Ministerpräsidenten kamen und gingen, Agnelli blieb. Mächtig und unvergänglich. Als Journalisten Details seiner Besprechung mit Ministerpräsident Massimo D'Alema bereits verbreiteten, bevor Agnelli sich dazu geäussert hatte, sagte er nur einen vernichtenden Satz: «Bei meinen Treffen mit den vielen Ministerpräsidenten habe ich bisher die Inhalte immer sehr vertraulich behandelt.»

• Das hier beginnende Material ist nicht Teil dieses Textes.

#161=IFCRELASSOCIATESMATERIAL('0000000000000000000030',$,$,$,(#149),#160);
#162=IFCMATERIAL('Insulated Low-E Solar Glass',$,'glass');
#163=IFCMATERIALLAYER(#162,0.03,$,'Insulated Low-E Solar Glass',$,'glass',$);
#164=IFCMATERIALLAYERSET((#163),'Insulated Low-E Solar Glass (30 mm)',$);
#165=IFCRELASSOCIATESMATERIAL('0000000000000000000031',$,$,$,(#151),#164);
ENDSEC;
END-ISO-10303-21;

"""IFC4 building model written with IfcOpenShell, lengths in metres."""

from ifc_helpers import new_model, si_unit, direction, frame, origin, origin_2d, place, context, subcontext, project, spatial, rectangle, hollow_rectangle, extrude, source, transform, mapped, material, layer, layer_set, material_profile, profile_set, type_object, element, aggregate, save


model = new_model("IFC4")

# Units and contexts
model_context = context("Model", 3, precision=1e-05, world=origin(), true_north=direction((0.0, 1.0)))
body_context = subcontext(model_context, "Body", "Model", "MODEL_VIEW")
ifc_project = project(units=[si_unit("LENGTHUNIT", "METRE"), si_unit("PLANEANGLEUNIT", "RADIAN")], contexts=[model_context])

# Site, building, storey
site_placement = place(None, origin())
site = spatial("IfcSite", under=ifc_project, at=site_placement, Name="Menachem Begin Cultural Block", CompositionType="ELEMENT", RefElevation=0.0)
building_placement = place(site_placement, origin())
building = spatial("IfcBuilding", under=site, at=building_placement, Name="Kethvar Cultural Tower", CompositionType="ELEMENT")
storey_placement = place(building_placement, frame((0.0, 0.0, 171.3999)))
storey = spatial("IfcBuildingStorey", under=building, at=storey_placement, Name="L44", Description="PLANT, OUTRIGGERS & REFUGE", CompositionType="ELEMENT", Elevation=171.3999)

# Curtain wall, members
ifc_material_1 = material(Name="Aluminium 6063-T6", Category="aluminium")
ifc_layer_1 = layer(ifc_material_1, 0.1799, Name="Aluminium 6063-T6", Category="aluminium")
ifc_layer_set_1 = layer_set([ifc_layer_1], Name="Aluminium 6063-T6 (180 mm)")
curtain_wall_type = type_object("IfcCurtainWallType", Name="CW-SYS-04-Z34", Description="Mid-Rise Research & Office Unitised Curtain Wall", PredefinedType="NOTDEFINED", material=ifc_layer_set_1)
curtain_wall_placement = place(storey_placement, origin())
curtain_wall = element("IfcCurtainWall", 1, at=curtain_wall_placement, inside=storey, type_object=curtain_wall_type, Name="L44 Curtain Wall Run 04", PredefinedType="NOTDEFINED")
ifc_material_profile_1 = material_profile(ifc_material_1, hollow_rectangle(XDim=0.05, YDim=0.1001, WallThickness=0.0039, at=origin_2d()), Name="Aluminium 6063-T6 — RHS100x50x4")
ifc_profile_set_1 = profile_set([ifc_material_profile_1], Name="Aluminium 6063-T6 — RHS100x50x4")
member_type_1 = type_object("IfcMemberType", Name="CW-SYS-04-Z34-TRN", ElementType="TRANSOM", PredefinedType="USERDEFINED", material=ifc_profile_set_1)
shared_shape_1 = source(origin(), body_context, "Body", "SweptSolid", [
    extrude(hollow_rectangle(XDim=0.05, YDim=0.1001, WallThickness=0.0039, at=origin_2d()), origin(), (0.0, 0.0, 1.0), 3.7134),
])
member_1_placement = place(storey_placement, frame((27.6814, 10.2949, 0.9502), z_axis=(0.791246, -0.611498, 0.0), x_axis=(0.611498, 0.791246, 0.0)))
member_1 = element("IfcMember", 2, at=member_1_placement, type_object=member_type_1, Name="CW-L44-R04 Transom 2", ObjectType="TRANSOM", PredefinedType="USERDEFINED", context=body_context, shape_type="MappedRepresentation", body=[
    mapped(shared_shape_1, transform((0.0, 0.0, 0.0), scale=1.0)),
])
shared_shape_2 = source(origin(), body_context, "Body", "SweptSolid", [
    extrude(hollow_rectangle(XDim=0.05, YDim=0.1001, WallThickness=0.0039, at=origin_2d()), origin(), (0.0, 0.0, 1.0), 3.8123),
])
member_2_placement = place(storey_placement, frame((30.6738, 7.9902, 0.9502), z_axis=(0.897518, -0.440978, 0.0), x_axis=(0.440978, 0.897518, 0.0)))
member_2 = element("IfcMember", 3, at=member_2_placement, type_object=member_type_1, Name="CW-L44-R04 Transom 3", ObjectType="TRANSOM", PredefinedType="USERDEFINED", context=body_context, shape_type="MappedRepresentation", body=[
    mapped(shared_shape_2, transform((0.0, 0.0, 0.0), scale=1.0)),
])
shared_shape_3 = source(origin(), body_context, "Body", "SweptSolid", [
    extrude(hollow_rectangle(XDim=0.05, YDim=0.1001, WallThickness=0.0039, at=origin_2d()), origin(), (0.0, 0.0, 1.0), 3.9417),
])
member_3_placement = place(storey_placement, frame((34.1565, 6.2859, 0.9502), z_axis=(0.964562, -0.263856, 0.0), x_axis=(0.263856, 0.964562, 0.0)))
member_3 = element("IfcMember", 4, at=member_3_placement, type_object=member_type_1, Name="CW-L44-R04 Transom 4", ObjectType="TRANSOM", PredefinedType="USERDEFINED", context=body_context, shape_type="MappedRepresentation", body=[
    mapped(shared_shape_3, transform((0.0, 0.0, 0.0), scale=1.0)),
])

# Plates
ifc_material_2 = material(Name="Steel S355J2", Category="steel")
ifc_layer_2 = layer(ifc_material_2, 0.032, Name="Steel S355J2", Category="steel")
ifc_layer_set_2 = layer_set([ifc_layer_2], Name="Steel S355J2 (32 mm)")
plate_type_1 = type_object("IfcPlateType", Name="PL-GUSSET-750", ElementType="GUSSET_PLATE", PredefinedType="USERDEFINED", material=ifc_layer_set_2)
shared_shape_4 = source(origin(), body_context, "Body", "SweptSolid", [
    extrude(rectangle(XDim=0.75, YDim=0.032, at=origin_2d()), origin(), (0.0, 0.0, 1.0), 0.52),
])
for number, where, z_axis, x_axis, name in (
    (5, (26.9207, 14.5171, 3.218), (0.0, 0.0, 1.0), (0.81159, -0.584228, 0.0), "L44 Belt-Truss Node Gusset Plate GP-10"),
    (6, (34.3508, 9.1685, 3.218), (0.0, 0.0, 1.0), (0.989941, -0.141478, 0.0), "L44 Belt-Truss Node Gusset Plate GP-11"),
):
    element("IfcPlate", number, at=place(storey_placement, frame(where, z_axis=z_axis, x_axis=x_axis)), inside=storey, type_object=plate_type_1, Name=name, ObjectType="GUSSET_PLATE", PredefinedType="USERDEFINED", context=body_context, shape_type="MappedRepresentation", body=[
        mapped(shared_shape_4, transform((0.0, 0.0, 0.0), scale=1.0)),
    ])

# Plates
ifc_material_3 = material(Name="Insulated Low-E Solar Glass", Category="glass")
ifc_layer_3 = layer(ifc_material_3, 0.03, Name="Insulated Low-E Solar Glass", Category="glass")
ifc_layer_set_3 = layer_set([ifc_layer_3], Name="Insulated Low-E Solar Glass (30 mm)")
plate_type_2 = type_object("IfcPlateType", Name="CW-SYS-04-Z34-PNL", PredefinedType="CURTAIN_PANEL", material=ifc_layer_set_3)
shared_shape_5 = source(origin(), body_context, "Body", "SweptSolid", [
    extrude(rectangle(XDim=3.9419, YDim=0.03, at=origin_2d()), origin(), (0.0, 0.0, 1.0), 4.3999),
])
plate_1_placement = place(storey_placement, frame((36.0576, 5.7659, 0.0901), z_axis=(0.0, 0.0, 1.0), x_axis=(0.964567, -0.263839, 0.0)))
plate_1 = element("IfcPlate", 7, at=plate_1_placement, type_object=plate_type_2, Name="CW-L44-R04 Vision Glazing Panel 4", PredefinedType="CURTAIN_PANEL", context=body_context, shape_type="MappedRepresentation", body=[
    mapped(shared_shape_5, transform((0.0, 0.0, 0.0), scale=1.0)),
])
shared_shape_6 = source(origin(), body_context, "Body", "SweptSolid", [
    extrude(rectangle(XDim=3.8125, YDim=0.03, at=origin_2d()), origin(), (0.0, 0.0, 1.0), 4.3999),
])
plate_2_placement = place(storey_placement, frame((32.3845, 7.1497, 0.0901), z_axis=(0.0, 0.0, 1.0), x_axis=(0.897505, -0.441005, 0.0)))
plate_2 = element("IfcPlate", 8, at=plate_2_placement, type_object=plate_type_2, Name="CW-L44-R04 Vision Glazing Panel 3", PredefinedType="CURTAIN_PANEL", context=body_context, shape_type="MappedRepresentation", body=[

Die Italiener bewunderten Gianni Agnelli nicht nur wegen seiner Macht. Sondern auch wegen seines Lebenshungers. Sie nannten ihn Avvocato. Obwohl er nie zu Ende studiert hatte. Denn er langweilte sich schnell. Zeitlebens hat er kein Buch zu Ende gelesen, keinen Film bis zum Ende verfolgt, keiner Frau die Treue gehalten. Nach dem Tod seines Grossvaters 1945 zog er keineswegs in das Unternehmen ein. Er nahm sich frei. Einundzwanzig Jahre lang. Fiat wurde von dem Manager Vittorio Valletta geführt. Und Gianni Agnelli lebte in Südfrankreich, wo er an seiner Legende als Playboy arbeitete. Es war eine harte Arbeit. Ein siebenfach gebrochenes Bein nach einem Autounfall. Viel Kokain. Unzählige Liaisons. Mit Rita Hayworth, Anita Ekberg, Jacqueline Kennedy und Pamela Harris, Churchills späterer Schwiegertochter. «Nur Dienstmädchen verlieben sich», sagte Gianni seiner Schwester Suni, der späteren italienischen Aussenministerin. Suni suchte ihrem Bruder die Frau aus: nicht die rothaarige Amerikanerin Pamela, sondern die neapolitanische Prinzessin Marella Caracciolo di Castagneto, ein ehemaliges «Vogue»-Model mit Schwanenhals. Agnelli betrog sie sein Leben lang.

Nähe erlaubte Gianni Agnelli nicht mal auf dem Totenbett. Als er im Sterben lag, besuchte ihn Kardinal Severino. «Wie soll ich Sie anreden?», fragte der Kardinal. «Nennen Sie mich Avvocato», sagte Gianni Agnelli, «das ist mein Künstlername.»

Es heisst, dass die Anzüge von Gianni Agnelli seinem Enkel Lapo auf den Leib geschneidert seien. Aber wem passen seine Schuhe?